1) use the latest most efficient panel technology - let's say the latest Super
AMOLED from Samsung

2) Use a very lower resolution such as 480x320 (also the initial resolution of
the iPhone, which many thought looked "great" a few years ago)

3) Put a screen that's as small as possible on it - let's say 3.5" (you
now...the "ideal" size that the iPhone used to have?)

4) Put the lowest power chip you can find in it (even if that means lowest
performance - although a single-core 1 Ghz Cortex A7 should do the trick).

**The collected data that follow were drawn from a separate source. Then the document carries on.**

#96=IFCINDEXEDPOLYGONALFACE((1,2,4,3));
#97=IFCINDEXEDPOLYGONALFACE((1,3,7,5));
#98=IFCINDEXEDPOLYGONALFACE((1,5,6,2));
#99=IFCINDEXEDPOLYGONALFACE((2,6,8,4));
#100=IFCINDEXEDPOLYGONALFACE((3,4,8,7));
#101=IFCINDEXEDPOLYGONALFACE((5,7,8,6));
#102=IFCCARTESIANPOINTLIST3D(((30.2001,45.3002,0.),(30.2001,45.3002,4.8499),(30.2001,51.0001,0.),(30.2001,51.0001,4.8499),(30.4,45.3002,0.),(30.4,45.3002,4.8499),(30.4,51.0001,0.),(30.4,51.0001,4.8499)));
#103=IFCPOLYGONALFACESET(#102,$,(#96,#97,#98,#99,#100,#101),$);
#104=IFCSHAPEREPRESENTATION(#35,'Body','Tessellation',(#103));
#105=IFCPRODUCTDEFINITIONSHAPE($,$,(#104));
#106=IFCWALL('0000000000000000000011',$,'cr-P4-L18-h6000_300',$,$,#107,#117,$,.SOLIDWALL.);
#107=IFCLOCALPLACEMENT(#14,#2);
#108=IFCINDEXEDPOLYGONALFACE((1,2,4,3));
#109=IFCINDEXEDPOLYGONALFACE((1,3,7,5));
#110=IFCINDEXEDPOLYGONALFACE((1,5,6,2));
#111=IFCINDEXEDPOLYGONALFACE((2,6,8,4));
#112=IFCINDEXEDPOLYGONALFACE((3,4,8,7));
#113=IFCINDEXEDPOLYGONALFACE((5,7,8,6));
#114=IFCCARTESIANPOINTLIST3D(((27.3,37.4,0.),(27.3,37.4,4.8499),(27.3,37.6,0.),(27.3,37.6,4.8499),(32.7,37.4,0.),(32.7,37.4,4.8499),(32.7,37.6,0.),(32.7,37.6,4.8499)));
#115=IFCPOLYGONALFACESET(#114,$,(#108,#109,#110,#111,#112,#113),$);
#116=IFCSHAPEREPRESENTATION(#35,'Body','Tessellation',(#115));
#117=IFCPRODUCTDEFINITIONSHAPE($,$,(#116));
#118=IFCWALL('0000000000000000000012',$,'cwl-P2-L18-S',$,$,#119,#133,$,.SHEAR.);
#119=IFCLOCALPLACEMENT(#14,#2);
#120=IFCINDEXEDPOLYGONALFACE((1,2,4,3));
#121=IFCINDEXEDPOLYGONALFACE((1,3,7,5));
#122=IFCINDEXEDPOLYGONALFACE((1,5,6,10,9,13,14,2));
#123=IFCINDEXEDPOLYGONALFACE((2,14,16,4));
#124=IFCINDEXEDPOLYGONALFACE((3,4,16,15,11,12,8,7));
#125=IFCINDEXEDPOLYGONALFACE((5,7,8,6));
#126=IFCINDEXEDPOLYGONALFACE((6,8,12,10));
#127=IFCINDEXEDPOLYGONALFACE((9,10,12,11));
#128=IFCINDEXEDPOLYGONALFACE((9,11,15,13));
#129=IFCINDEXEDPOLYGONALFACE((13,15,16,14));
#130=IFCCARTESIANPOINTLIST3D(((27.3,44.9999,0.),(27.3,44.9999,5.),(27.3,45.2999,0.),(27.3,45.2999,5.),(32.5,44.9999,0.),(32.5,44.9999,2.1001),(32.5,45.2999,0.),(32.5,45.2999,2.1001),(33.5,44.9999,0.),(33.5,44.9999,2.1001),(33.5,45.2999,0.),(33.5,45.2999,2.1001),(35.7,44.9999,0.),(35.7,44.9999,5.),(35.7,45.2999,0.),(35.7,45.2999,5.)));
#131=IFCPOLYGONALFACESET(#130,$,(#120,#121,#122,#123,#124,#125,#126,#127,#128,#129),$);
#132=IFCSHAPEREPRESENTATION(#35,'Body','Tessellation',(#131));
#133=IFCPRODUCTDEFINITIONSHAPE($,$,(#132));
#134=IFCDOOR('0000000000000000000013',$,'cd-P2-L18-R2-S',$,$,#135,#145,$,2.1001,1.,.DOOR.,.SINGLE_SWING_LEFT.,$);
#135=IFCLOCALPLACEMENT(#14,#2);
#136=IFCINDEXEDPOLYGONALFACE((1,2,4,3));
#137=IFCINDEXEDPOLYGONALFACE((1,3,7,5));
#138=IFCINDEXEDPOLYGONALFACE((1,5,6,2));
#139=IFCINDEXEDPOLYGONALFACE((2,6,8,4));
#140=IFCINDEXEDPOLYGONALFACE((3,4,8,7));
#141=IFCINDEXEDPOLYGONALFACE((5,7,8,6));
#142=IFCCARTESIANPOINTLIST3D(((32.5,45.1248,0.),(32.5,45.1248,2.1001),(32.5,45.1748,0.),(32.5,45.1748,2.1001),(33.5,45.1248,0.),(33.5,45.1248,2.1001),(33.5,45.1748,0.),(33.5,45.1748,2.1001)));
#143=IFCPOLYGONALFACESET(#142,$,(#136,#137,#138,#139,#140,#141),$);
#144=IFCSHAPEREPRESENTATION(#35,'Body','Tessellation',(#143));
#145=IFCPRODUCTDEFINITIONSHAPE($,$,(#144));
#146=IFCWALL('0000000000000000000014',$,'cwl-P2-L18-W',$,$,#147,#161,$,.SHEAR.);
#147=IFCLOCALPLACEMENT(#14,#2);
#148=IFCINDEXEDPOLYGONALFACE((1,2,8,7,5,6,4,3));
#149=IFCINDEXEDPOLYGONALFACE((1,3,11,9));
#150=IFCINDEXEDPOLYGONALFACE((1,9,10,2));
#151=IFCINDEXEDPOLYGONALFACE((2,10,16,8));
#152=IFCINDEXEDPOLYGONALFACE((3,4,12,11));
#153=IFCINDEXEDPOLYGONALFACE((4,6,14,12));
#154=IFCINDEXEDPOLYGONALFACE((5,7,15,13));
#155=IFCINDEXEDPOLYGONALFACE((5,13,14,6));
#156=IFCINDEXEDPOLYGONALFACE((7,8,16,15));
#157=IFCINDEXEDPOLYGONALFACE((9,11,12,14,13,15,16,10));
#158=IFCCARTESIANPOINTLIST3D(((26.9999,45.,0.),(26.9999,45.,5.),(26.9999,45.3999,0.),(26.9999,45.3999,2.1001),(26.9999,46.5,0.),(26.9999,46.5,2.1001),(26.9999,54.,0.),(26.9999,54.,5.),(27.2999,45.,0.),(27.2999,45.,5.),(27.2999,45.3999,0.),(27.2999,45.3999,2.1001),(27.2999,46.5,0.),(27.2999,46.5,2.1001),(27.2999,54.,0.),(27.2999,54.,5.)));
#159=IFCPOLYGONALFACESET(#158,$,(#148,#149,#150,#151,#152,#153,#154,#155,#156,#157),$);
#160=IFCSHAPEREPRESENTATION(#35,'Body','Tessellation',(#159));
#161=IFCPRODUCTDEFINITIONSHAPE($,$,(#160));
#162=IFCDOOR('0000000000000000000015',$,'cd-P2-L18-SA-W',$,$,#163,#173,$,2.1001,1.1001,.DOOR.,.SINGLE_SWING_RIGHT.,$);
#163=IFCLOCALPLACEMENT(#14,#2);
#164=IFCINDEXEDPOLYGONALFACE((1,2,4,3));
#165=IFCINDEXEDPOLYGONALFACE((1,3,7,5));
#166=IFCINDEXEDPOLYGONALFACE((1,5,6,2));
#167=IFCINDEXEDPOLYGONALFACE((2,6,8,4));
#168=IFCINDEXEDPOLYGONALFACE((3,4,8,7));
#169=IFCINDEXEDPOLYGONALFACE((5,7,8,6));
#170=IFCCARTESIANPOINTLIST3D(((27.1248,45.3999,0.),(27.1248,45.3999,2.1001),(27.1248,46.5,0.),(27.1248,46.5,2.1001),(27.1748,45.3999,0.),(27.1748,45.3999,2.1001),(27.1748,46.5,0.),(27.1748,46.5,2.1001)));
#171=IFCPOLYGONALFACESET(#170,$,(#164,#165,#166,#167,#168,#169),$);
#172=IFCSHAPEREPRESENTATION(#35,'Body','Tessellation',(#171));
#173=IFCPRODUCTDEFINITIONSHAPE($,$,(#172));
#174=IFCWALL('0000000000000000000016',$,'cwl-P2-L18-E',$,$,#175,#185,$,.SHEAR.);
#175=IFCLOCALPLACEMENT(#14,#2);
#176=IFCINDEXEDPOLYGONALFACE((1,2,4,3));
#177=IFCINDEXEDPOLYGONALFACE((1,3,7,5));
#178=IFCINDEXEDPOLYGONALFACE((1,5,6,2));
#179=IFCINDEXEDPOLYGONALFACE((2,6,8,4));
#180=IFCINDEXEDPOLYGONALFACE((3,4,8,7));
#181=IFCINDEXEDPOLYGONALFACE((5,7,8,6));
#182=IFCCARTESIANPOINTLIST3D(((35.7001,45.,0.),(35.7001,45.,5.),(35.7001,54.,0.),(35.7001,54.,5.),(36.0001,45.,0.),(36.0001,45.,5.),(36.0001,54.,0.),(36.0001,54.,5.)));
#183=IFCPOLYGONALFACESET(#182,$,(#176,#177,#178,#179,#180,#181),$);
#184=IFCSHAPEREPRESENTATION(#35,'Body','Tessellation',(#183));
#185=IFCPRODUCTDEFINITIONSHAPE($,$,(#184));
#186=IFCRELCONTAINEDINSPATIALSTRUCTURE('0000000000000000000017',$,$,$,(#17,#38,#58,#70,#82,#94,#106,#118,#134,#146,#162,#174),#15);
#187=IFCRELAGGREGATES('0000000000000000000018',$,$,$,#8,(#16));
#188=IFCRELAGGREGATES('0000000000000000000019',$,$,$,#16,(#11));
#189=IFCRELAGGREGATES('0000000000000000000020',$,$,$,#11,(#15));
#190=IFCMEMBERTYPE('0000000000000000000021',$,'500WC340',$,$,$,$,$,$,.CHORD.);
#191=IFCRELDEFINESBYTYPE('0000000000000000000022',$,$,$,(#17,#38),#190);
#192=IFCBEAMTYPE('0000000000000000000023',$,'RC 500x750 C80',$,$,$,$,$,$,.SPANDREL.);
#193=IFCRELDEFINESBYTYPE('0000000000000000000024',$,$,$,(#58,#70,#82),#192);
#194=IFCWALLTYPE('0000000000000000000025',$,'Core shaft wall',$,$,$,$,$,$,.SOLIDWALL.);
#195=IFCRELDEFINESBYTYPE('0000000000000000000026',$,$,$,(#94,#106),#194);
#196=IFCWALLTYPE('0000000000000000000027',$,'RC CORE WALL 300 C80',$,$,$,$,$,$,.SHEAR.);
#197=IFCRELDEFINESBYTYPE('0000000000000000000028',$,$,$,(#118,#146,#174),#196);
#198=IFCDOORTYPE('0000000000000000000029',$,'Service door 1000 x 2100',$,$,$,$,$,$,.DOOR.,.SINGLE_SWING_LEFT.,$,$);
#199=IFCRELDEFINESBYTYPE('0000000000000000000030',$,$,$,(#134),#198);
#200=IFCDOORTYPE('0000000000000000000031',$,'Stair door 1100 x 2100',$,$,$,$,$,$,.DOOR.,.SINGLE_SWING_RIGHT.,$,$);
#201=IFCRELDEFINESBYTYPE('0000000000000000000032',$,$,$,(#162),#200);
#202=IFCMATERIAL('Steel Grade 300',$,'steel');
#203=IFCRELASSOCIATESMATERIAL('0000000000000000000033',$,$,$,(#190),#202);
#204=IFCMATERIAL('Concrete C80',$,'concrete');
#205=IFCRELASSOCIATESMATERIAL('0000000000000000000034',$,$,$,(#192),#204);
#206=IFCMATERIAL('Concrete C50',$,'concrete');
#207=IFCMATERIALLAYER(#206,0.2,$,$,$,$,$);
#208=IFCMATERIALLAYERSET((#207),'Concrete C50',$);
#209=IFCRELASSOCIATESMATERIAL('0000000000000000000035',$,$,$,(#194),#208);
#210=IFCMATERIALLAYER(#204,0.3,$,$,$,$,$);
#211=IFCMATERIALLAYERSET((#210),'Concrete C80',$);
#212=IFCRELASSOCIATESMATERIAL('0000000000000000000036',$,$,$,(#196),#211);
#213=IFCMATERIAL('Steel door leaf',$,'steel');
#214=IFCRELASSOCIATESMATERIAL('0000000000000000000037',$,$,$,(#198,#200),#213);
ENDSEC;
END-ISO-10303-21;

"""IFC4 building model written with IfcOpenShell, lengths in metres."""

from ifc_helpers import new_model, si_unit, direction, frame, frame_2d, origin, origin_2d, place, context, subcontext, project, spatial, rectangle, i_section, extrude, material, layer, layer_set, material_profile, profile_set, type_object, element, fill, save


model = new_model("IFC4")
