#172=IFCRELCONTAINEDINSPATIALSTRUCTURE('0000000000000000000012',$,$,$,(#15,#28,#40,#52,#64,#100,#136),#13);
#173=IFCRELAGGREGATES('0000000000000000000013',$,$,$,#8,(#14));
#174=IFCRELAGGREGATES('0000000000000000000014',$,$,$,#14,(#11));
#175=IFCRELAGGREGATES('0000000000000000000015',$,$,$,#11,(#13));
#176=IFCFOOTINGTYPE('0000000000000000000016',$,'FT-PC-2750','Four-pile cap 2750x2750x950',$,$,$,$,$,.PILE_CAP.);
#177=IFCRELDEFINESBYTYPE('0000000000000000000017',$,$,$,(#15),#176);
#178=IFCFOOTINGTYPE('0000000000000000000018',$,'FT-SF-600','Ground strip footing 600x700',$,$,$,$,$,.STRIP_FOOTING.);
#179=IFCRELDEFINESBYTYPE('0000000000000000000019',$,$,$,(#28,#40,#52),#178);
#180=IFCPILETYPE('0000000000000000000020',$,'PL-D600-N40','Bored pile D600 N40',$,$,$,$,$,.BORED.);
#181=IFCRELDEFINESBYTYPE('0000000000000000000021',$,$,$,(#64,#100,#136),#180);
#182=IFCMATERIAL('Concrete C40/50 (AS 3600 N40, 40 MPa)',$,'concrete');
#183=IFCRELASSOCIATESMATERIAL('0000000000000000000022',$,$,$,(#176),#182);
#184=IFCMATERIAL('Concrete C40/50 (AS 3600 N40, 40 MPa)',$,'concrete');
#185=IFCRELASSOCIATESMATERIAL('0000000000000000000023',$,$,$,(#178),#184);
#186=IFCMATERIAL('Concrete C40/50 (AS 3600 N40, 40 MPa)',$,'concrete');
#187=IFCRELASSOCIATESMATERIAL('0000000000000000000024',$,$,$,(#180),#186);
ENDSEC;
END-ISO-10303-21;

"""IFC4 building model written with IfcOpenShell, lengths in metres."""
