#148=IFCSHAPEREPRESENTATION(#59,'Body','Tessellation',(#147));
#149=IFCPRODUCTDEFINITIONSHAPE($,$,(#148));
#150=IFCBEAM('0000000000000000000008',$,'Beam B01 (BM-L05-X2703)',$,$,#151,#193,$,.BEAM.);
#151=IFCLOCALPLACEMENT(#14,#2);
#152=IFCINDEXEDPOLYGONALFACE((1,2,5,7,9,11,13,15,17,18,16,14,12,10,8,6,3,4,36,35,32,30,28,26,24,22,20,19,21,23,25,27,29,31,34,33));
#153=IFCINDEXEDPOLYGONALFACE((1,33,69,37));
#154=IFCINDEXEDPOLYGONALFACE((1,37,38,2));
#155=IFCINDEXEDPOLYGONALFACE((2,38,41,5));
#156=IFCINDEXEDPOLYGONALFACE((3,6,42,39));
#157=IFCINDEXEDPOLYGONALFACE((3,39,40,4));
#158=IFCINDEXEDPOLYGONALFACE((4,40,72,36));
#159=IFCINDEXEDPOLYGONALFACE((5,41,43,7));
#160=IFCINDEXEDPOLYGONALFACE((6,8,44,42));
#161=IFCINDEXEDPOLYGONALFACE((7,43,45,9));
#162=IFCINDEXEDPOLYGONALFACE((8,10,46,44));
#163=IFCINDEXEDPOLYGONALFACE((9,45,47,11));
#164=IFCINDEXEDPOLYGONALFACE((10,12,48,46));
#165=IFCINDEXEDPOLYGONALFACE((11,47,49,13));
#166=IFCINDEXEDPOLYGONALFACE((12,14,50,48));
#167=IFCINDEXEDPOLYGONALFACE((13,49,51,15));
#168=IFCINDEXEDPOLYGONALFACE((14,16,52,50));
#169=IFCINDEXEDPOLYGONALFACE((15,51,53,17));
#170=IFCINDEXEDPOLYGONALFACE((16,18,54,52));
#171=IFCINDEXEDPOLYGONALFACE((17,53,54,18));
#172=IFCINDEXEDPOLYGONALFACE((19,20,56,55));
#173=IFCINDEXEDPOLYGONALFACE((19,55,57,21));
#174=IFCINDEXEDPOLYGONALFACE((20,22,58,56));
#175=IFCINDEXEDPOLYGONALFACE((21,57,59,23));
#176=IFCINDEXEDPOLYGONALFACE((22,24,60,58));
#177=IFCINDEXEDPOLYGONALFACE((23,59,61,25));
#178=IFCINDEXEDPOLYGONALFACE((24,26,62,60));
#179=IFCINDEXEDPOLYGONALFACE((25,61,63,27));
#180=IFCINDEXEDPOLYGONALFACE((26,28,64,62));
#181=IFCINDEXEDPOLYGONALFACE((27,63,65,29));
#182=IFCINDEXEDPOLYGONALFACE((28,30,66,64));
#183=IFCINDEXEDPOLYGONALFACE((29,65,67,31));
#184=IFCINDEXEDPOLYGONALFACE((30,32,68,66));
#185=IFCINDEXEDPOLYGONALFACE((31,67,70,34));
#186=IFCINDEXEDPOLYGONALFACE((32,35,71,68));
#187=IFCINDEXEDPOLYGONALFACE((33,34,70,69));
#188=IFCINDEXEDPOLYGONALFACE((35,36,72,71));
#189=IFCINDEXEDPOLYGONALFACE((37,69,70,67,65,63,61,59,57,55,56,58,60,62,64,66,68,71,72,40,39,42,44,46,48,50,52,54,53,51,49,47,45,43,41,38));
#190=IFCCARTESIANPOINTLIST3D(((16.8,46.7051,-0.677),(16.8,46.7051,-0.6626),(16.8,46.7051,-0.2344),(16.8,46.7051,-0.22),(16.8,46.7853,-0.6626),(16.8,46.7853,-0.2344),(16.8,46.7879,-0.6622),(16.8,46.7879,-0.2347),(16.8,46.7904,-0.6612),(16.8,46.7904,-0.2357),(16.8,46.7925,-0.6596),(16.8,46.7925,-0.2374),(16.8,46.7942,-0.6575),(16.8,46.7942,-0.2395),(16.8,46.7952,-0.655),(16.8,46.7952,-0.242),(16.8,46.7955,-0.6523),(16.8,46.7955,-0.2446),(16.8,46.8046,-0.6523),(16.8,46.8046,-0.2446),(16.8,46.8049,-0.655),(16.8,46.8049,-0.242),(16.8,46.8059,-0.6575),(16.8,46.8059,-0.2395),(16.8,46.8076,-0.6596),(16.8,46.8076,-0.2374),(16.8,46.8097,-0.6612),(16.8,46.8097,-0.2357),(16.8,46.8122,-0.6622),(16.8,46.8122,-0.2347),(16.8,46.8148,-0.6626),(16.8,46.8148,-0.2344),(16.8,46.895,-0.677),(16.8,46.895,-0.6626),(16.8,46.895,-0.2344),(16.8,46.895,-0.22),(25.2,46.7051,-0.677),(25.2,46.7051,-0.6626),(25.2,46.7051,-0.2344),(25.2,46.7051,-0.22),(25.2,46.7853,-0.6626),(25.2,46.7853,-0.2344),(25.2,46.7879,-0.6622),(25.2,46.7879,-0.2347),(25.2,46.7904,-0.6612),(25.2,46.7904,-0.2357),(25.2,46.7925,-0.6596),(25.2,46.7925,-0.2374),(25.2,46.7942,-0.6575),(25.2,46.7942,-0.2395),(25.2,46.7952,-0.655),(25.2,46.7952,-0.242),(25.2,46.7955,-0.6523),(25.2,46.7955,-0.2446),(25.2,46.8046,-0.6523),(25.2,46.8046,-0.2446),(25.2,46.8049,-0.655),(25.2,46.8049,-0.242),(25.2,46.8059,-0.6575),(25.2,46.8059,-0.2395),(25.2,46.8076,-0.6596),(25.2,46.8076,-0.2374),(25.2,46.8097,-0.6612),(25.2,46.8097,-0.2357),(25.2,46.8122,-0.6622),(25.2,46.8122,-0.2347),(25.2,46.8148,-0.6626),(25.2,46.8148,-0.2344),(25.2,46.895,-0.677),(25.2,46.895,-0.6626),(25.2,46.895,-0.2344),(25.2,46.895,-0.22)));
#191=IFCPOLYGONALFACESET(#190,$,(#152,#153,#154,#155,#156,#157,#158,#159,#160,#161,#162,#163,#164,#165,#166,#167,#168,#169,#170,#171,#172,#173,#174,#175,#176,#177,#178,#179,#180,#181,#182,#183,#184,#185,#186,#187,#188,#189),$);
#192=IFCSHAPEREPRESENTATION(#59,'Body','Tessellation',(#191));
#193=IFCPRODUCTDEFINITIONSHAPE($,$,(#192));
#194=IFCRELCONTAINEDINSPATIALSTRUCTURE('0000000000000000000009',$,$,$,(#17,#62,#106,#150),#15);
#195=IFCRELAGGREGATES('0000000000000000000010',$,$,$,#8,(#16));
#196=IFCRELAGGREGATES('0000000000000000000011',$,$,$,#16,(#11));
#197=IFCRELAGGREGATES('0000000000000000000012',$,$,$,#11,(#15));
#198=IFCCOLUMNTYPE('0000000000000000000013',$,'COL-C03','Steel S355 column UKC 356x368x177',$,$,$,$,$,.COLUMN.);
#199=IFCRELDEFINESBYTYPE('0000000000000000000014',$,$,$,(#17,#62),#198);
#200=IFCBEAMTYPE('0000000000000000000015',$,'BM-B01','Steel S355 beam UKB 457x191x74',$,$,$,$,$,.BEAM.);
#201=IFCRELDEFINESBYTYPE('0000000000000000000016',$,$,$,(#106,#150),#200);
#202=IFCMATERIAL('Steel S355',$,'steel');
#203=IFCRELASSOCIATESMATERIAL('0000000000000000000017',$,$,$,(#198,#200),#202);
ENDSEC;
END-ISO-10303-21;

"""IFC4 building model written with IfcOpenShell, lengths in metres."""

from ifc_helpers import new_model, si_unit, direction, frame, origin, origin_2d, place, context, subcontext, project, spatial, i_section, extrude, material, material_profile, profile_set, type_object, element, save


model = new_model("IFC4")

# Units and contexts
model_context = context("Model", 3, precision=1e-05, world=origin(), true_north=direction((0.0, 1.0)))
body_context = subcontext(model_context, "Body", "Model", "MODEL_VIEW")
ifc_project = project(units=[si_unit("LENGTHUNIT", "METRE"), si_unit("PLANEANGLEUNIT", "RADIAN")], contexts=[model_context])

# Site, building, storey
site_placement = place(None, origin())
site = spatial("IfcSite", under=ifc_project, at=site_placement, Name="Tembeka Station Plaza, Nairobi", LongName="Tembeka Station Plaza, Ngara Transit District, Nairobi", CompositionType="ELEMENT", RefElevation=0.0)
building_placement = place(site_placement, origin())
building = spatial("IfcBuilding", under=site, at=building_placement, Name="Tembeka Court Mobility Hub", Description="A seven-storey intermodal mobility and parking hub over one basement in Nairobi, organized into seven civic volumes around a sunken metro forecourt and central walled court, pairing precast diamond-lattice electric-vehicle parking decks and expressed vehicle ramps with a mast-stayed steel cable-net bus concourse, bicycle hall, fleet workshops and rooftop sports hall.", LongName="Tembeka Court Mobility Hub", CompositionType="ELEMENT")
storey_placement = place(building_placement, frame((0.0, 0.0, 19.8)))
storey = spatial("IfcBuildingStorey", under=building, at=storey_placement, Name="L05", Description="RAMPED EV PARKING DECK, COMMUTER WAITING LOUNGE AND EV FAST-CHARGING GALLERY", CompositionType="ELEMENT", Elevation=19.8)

5) Put a relatively powerful (enough to handle that resolution easily), but
very efficient GPU in it

6) Use other components that are also cutting edge in terms of power
efficiency.

7) Put a 3,000-3,500mAh battery in it, even if it makes the phone 10-12mm
thick (so like the Nokia Lumia 900 that many liked at the time for its
"design", despite its thickness).

I would be surprised if all of this didn't lead to a week of battery life for
the phone. The "problem" is this phone will be quite expensive unlocked
(probably close to $300) due to its cutting edge/more efficient components,
yet at the same time it will look like a $100 cheap phone in terms of "specs".

So where I'm going with this is that the _market_ doesn't want such a phone
even if it has a "1 week battery life". The market wants "PC-like
performance", 2k resolutions and 5.5" screens more than they want "1 week
battery life". And the other problem is that they want those specs to keep
going _up_ , and as long as those go up, battery life can't go up much either.

They optimize for performance and high specs rather than battery life. So if
an OEM can choose between a 1080p panel with 30 percent less power consumption
and a 2k panel with the _same_ power consumption, they go for the 2k. And
that's how our phones get stuck forever in the ~1 day battery life.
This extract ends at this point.